東方軌跡録   作:1103

115 / 194
今回の話しは、鈴奈庵の最新話です。

もう少し後に投稿しようと思ったのですが、今回の話しは幻想郷のシステムにかかわる話で、ジンのあり方を考えると、こっちを先に投稿した方が後々スッキリすると思いまして。

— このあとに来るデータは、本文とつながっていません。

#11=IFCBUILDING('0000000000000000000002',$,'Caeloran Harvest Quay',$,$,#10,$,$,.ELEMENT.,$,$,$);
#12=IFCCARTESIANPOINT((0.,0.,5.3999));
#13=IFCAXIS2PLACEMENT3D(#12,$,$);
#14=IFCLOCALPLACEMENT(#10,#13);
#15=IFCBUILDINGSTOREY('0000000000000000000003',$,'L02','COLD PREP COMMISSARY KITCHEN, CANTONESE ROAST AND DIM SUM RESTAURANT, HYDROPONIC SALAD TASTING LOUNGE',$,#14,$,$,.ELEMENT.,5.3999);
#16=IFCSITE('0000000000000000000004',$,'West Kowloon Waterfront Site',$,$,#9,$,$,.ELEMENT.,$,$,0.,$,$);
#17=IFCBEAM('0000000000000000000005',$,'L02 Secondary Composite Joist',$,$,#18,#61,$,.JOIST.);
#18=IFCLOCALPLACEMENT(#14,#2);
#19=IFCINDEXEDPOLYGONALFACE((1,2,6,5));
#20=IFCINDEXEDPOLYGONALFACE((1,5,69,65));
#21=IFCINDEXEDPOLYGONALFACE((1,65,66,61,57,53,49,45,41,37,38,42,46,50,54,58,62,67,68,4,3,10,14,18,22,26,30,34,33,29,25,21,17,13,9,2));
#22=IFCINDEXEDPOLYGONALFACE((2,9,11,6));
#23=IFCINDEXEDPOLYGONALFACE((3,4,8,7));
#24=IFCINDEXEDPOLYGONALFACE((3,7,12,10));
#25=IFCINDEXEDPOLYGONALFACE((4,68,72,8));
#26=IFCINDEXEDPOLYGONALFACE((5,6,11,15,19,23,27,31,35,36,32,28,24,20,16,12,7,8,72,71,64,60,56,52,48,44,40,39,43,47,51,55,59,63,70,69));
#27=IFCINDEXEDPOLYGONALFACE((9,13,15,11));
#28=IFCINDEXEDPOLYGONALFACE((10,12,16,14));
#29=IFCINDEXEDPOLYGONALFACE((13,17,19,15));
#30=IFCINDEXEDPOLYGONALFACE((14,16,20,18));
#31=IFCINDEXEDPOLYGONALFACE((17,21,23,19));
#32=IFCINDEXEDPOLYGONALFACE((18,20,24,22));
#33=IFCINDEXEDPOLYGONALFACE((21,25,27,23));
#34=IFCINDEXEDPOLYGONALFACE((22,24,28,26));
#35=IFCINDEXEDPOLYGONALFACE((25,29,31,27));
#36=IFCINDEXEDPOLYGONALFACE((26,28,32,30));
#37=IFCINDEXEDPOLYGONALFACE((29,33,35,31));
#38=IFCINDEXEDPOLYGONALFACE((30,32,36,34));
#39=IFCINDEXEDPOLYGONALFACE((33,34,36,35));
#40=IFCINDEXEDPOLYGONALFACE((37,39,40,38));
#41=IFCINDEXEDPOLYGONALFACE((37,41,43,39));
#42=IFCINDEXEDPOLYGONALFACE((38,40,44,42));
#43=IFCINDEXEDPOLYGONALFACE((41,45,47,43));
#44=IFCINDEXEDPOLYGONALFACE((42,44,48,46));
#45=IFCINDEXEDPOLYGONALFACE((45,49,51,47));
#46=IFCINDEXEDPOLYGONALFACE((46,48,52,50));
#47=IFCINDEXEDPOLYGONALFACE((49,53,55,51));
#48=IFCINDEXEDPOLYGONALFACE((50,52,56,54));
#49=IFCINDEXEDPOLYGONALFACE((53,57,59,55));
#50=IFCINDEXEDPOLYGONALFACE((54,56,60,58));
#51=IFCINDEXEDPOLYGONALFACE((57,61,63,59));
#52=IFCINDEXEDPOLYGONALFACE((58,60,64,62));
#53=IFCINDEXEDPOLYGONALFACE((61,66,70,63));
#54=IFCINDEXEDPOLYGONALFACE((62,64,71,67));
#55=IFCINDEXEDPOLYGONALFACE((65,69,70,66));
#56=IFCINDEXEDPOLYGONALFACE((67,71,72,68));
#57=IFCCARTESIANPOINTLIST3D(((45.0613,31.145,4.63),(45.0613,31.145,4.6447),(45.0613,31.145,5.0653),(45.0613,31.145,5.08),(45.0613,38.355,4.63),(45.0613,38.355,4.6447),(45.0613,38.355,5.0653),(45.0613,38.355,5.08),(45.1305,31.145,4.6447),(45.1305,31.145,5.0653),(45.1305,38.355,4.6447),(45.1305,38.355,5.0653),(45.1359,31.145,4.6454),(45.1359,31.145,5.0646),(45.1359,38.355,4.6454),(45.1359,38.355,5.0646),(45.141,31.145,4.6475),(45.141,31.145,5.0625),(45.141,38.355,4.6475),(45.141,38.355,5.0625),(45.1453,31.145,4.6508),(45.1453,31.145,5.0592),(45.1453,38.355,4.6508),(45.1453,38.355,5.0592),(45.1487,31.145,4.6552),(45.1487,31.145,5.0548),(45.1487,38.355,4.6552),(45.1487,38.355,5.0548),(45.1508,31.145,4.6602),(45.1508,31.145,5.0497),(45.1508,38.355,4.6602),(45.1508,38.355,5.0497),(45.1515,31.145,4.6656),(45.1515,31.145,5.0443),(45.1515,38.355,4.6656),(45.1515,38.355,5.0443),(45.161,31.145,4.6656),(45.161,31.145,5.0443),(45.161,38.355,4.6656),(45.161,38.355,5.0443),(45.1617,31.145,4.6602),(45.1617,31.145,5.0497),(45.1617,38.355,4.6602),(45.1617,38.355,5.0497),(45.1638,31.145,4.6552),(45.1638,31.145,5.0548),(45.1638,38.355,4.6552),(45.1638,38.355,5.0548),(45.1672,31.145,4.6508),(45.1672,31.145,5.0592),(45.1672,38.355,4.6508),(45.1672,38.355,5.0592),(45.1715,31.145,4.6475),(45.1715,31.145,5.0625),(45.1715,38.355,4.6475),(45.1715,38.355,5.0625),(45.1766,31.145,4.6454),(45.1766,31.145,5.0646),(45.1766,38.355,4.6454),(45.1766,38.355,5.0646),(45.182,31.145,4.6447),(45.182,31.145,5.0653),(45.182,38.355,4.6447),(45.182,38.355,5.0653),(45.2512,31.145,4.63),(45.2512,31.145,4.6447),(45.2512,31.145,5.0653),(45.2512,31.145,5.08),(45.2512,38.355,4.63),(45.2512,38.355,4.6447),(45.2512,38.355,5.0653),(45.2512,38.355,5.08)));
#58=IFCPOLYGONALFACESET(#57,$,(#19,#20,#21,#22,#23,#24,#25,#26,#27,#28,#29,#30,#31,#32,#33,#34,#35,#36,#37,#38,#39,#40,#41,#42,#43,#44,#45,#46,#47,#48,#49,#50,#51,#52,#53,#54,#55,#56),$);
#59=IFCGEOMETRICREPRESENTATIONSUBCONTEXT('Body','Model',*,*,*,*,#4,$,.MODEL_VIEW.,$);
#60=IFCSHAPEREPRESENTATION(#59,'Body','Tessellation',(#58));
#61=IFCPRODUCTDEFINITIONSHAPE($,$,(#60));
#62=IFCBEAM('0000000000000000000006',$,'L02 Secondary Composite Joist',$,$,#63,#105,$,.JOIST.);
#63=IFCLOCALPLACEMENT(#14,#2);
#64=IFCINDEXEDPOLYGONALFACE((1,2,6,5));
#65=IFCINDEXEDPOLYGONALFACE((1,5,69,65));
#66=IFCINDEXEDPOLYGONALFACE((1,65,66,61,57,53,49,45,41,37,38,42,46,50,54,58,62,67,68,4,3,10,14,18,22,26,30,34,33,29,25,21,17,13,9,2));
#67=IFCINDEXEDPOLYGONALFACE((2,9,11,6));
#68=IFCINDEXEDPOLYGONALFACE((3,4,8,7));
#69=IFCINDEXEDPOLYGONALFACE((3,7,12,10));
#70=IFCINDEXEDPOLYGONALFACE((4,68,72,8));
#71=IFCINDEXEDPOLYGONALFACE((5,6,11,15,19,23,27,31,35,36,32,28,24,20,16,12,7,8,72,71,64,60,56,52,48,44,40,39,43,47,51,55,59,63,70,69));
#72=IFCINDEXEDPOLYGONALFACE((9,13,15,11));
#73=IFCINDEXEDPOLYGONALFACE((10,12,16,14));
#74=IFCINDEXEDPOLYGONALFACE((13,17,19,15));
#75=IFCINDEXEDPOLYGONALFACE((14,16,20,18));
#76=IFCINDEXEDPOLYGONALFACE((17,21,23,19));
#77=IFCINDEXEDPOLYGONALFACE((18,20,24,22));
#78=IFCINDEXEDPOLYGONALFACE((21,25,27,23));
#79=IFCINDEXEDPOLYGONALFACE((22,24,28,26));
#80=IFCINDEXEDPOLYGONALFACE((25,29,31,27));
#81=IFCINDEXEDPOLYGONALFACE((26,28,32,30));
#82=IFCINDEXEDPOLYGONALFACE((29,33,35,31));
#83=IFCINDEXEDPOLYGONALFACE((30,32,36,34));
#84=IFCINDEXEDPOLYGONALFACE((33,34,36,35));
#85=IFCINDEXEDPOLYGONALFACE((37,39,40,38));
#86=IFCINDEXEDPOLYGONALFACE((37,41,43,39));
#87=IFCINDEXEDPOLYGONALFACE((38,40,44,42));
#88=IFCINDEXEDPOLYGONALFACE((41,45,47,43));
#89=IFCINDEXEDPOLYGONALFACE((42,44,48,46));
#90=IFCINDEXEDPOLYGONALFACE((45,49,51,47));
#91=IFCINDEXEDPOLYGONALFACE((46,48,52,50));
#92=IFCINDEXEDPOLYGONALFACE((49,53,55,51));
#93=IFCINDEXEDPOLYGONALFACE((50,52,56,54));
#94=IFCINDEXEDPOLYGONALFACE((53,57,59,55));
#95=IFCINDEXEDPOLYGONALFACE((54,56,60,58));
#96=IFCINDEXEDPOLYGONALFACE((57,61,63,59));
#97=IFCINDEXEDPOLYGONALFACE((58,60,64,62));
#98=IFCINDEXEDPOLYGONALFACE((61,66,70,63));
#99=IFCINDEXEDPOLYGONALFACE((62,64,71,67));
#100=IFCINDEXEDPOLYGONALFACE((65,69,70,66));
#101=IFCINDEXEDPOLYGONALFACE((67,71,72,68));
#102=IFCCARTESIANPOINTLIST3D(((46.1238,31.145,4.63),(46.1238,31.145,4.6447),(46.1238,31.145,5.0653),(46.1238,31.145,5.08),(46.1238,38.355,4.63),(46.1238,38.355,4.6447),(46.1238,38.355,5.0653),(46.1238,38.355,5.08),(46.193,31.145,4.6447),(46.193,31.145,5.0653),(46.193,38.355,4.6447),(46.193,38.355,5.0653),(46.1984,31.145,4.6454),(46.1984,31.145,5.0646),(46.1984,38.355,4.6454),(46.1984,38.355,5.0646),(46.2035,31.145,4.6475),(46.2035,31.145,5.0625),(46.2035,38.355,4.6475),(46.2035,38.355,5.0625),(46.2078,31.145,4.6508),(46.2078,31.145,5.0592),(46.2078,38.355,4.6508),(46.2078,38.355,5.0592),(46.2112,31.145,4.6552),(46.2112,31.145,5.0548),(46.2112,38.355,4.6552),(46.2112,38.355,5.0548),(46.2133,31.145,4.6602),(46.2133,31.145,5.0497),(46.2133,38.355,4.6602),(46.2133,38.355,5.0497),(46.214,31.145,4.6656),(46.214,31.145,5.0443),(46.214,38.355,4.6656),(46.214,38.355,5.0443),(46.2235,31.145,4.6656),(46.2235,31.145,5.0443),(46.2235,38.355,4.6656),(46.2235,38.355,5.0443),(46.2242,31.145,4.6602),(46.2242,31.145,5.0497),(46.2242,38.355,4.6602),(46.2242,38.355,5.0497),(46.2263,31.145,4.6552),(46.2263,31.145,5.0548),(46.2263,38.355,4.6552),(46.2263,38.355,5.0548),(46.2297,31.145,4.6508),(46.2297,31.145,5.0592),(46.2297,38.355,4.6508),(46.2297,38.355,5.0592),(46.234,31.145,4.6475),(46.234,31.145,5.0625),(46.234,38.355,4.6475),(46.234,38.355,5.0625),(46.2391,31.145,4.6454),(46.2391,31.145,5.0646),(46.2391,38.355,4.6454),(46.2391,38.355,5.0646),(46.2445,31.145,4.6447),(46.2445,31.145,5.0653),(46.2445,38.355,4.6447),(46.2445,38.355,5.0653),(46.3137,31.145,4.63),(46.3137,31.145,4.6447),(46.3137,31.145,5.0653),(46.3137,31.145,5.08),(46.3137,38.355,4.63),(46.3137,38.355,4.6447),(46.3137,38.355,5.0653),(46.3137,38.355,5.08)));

今回の話しに、蓬莱人形の初版についているショートストーリーを読み、独自の考察で考えた幻想郷の裏ルールを出しました。

初版のショートストーリーは、http://en.touhouwiki.net/wiki/Dolls_in_Pseudo_Paradise/Storyで公開されているので、そちらを参考にしてください。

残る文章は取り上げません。